The gossip about Gavin brought hitherto to the school-house had been as bread to me, but this I did not like. For a minister to behave thus was as unsettling to us as a change of Government to Londoners, and I decided to give my scholars a holiday on the morrow and tramp into the town for fuller news. But all through the night it snowed, and next day, and then intermittently for many days, and every fall took the school miles farther away from Thrums. Birse and the crows had now the glen road to themselves, and even Birse had twice or thrice to bed with me. At these times had he not been so interested in describing his progress through the snow, maintaining that the crying want of our glen road was palings for postmen to kick their feet against, he must have wondered why I always turned the talk to the Auld Licht minister.
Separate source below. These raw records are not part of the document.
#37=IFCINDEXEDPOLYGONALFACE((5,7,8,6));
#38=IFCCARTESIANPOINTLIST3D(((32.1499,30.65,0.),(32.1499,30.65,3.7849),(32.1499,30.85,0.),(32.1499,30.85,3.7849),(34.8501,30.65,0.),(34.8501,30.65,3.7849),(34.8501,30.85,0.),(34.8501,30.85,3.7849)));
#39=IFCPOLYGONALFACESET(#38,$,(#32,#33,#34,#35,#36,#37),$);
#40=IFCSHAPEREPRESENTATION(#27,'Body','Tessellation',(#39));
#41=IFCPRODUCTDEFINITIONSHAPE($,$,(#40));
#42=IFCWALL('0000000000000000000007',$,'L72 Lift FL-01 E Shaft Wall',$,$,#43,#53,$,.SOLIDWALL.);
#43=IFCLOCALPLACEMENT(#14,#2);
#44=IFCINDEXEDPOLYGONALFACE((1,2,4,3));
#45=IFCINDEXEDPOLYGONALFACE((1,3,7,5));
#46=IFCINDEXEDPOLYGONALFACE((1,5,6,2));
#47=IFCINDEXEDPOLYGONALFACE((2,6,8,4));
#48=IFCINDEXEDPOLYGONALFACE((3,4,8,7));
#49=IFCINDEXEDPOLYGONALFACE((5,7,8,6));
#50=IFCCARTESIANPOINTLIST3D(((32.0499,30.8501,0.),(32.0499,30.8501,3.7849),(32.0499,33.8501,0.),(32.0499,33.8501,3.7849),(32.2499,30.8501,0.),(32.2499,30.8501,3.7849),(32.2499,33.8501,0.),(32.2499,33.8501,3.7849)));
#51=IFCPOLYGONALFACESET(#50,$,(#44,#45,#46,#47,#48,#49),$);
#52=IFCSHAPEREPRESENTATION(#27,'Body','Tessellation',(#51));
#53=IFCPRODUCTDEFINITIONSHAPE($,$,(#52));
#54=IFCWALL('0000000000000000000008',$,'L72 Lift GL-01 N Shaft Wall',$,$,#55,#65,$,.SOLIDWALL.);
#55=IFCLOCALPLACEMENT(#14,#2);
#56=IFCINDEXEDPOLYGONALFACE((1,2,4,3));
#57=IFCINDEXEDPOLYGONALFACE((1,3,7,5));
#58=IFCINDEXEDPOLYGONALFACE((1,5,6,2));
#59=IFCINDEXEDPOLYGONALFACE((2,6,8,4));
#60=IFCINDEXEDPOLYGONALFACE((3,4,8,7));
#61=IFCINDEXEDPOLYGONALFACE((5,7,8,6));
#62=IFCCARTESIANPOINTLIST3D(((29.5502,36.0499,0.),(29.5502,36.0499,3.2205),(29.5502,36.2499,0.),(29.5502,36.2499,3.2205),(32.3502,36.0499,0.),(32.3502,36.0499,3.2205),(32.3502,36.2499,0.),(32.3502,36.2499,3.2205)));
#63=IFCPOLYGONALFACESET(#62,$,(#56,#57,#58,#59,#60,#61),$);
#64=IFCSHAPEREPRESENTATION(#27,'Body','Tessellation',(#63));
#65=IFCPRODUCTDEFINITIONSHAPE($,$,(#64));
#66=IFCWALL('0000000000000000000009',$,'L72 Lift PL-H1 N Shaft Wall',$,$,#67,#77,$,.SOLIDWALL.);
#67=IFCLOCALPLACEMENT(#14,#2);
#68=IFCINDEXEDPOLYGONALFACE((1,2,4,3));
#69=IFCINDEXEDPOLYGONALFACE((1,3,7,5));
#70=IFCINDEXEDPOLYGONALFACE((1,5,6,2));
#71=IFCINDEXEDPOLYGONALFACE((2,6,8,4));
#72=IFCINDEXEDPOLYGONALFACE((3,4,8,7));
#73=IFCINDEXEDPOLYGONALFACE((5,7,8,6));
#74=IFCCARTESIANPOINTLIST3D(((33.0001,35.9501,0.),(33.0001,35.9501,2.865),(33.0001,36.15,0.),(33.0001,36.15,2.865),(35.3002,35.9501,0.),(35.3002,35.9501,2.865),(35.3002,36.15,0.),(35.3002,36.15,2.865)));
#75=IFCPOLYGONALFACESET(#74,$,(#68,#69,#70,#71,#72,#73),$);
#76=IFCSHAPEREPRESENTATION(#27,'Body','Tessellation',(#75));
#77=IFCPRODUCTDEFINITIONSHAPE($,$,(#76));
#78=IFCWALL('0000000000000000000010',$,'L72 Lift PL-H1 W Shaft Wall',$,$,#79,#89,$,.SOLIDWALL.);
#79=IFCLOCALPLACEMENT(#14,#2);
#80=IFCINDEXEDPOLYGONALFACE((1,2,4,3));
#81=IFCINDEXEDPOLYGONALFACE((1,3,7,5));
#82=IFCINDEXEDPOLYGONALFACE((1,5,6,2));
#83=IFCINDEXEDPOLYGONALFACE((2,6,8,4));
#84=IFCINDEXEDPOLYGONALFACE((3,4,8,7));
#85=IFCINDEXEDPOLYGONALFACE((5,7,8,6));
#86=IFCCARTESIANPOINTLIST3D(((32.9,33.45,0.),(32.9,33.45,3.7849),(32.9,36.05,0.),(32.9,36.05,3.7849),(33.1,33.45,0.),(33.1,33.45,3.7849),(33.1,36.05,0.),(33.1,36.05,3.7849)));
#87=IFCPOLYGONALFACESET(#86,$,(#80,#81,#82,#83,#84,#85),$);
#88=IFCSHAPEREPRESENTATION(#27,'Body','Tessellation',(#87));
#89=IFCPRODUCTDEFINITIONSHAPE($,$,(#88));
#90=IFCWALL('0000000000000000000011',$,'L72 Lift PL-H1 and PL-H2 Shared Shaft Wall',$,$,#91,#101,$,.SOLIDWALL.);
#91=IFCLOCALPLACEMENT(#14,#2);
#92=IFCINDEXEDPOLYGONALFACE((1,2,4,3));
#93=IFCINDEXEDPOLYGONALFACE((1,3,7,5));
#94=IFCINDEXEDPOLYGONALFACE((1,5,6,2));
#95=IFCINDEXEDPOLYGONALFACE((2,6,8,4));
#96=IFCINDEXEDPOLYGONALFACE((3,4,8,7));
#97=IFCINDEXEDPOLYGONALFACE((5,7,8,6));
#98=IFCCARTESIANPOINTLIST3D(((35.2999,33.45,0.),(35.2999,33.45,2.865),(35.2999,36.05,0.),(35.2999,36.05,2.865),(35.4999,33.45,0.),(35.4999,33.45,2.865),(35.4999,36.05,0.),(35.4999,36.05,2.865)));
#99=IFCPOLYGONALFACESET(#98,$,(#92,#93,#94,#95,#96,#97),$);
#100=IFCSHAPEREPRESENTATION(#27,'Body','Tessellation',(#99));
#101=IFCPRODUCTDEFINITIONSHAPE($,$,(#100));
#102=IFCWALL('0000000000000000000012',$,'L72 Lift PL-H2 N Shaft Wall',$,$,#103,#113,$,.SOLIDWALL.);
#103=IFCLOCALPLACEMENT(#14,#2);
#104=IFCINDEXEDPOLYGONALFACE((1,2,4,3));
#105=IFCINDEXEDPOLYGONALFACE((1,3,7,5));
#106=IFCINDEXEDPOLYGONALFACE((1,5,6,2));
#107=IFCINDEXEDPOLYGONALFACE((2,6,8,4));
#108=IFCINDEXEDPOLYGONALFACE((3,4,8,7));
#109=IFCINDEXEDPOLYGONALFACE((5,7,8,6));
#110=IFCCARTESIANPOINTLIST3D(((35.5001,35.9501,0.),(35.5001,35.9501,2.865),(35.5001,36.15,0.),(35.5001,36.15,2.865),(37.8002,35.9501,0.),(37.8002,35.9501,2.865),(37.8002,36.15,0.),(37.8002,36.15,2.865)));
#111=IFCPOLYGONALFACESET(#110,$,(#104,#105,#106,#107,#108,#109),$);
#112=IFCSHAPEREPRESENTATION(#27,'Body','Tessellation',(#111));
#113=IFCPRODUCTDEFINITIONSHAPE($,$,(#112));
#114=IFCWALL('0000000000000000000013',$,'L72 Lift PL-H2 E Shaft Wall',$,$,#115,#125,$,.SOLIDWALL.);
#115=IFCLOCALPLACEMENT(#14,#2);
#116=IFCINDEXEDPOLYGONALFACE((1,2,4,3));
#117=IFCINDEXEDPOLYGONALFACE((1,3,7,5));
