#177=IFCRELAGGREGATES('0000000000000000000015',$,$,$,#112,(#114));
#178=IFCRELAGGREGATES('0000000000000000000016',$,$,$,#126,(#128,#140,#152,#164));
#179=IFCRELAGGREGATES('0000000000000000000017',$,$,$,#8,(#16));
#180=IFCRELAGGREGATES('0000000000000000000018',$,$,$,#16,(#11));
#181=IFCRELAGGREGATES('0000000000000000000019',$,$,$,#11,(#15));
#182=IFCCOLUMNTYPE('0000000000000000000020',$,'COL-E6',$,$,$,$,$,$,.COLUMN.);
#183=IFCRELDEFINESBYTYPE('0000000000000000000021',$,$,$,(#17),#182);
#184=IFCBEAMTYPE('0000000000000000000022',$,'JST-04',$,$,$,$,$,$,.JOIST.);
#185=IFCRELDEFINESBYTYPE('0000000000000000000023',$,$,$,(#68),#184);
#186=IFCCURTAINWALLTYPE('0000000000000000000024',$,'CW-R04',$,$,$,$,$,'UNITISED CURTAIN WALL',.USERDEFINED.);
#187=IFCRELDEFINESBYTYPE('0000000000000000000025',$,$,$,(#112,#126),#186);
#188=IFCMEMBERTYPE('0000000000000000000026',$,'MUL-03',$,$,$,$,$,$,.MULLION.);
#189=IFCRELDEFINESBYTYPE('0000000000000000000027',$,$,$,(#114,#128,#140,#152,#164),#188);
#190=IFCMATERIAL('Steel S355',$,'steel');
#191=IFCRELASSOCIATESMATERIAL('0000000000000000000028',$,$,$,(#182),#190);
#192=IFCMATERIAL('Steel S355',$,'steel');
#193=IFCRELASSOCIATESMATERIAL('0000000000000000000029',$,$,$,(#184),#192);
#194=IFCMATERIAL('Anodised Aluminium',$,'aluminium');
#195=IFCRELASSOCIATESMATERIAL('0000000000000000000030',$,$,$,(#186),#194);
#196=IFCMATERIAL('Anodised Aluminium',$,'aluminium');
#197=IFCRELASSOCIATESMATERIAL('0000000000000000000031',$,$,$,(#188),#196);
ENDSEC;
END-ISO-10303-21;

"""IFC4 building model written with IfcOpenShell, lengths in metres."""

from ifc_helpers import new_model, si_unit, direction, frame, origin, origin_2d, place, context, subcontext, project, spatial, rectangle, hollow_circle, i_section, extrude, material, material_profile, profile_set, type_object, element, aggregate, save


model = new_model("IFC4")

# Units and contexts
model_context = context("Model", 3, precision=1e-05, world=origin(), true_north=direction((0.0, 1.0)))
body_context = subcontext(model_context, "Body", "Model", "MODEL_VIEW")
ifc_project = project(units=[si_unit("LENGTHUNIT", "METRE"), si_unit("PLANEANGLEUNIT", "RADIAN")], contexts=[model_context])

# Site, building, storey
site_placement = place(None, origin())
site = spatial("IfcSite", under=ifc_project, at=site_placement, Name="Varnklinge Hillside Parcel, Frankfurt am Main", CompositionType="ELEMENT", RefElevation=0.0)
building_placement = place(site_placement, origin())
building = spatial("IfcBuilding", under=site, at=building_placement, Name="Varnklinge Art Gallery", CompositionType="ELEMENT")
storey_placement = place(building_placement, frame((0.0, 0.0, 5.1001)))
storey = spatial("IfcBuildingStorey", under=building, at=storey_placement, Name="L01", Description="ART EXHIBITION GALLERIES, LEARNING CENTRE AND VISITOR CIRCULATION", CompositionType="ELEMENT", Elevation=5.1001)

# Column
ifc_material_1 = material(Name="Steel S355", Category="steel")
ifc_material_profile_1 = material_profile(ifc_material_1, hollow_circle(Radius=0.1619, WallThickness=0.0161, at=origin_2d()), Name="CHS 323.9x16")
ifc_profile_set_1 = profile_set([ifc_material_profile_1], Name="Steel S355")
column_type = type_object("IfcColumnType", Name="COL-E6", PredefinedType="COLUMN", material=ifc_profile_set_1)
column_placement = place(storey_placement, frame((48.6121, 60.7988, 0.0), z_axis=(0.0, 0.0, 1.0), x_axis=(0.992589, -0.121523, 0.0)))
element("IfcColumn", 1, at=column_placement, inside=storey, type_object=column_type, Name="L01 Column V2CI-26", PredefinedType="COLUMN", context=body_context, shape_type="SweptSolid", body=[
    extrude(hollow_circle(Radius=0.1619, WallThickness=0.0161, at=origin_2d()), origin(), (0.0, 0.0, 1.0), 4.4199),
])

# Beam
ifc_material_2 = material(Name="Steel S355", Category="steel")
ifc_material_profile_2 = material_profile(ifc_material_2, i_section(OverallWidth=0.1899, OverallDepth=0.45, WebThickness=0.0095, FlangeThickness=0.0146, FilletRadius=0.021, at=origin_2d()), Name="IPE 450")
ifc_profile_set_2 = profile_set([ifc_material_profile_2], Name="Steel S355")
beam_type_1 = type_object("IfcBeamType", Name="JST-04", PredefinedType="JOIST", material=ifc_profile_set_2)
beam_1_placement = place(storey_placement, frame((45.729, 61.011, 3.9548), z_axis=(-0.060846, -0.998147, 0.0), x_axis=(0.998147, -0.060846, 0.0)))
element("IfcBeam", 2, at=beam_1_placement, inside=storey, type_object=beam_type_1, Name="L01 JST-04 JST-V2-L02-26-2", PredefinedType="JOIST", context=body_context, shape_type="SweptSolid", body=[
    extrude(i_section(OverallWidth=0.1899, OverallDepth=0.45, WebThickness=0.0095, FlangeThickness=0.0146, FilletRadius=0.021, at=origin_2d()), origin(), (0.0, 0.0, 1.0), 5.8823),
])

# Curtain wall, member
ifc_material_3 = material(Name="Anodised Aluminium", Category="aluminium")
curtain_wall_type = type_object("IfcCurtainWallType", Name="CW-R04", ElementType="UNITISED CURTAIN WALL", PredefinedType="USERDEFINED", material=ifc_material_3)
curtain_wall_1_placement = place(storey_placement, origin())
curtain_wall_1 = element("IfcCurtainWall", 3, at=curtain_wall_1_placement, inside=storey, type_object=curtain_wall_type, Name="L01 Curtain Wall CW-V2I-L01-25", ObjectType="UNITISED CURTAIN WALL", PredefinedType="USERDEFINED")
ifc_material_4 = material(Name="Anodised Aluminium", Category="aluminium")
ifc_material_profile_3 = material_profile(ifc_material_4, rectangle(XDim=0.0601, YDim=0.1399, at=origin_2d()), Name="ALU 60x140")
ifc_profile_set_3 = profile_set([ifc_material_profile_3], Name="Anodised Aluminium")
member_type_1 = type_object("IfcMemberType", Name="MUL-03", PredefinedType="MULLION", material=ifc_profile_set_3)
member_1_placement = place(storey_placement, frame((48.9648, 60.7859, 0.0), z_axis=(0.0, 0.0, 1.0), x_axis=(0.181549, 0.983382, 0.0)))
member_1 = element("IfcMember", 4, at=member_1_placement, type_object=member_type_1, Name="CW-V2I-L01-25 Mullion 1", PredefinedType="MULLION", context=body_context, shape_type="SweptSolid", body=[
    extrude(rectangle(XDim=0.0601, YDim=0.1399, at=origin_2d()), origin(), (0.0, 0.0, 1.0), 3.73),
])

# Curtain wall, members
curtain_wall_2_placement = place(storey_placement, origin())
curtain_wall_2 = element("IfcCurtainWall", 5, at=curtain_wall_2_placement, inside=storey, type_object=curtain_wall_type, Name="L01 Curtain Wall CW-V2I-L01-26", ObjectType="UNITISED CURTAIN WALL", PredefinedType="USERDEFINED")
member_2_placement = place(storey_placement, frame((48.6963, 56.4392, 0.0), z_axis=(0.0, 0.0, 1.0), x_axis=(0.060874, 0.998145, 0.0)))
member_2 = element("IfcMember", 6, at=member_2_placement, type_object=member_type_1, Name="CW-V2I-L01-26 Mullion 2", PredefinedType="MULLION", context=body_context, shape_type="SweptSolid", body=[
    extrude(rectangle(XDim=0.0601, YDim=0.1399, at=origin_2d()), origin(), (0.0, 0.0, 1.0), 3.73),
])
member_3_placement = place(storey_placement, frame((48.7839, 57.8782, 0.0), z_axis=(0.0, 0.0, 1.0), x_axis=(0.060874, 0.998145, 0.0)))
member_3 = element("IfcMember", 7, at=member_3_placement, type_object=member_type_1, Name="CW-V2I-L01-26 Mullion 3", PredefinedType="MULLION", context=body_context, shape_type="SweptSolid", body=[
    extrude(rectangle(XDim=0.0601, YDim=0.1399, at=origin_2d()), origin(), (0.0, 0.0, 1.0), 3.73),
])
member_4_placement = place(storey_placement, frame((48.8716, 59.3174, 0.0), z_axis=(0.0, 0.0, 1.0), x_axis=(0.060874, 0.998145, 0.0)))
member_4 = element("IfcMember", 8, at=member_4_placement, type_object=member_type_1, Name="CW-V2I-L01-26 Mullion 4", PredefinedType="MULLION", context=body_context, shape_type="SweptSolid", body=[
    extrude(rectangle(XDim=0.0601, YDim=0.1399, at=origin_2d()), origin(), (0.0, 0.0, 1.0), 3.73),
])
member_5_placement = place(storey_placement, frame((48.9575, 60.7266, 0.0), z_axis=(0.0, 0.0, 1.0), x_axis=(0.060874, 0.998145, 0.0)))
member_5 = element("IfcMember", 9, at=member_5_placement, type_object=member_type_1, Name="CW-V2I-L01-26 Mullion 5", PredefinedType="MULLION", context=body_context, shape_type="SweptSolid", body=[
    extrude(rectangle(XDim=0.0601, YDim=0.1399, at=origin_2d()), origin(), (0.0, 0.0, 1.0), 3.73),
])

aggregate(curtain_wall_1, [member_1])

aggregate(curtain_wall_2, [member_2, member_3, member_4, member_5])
"Ony explanation o' his sudden change o' texts?" Birse said, repeating my question. "Tod, and there is and to spare, for I hear tell there's saxteen explanations in the Tenements alone. As Tammas Haggart says, that's a blessing, for if there had just been twa explanations the kirk micht hae split on them."

"Ay," he said at another time, "twa or three even dared to question the minister, but I'm thinking they made nothing o't. The majority agrees that he was just inspired to change his text. But Lang Tammas is dour. Tammas telled the session a queer thing. He says that after the diet o' worship on that eventful afternoon Mr. Dishart carried the Bible out o' the pulpit instead o' leaving that duty as usual to the kirk-officer. Weel, Tammas, being precentor, has a richt, as you ken, to leave the kirk by the session-house door, just like the minister himsel'. He did so that afternoon, and what, think you, did he see? He saw Mr. Dishart tearing a page out o' the Bible, and flinging it savagely into the session-house fire. You dinna credit it? Weel, it's staggering, but there's Hendry Munn's evidence too. Hendry took his first chance o' looking up Ezra in the minister's Bible, and, behold, the page wi' the eighth chapter was gone. Them that thinks Tammas wasna blind wi' excitement hauds it had been Ezra eighth that gaed into the fire. Onyway, there's no doubt about the page's being missing, for whatever excitement Tammas was in, Hendry was as cool as ever."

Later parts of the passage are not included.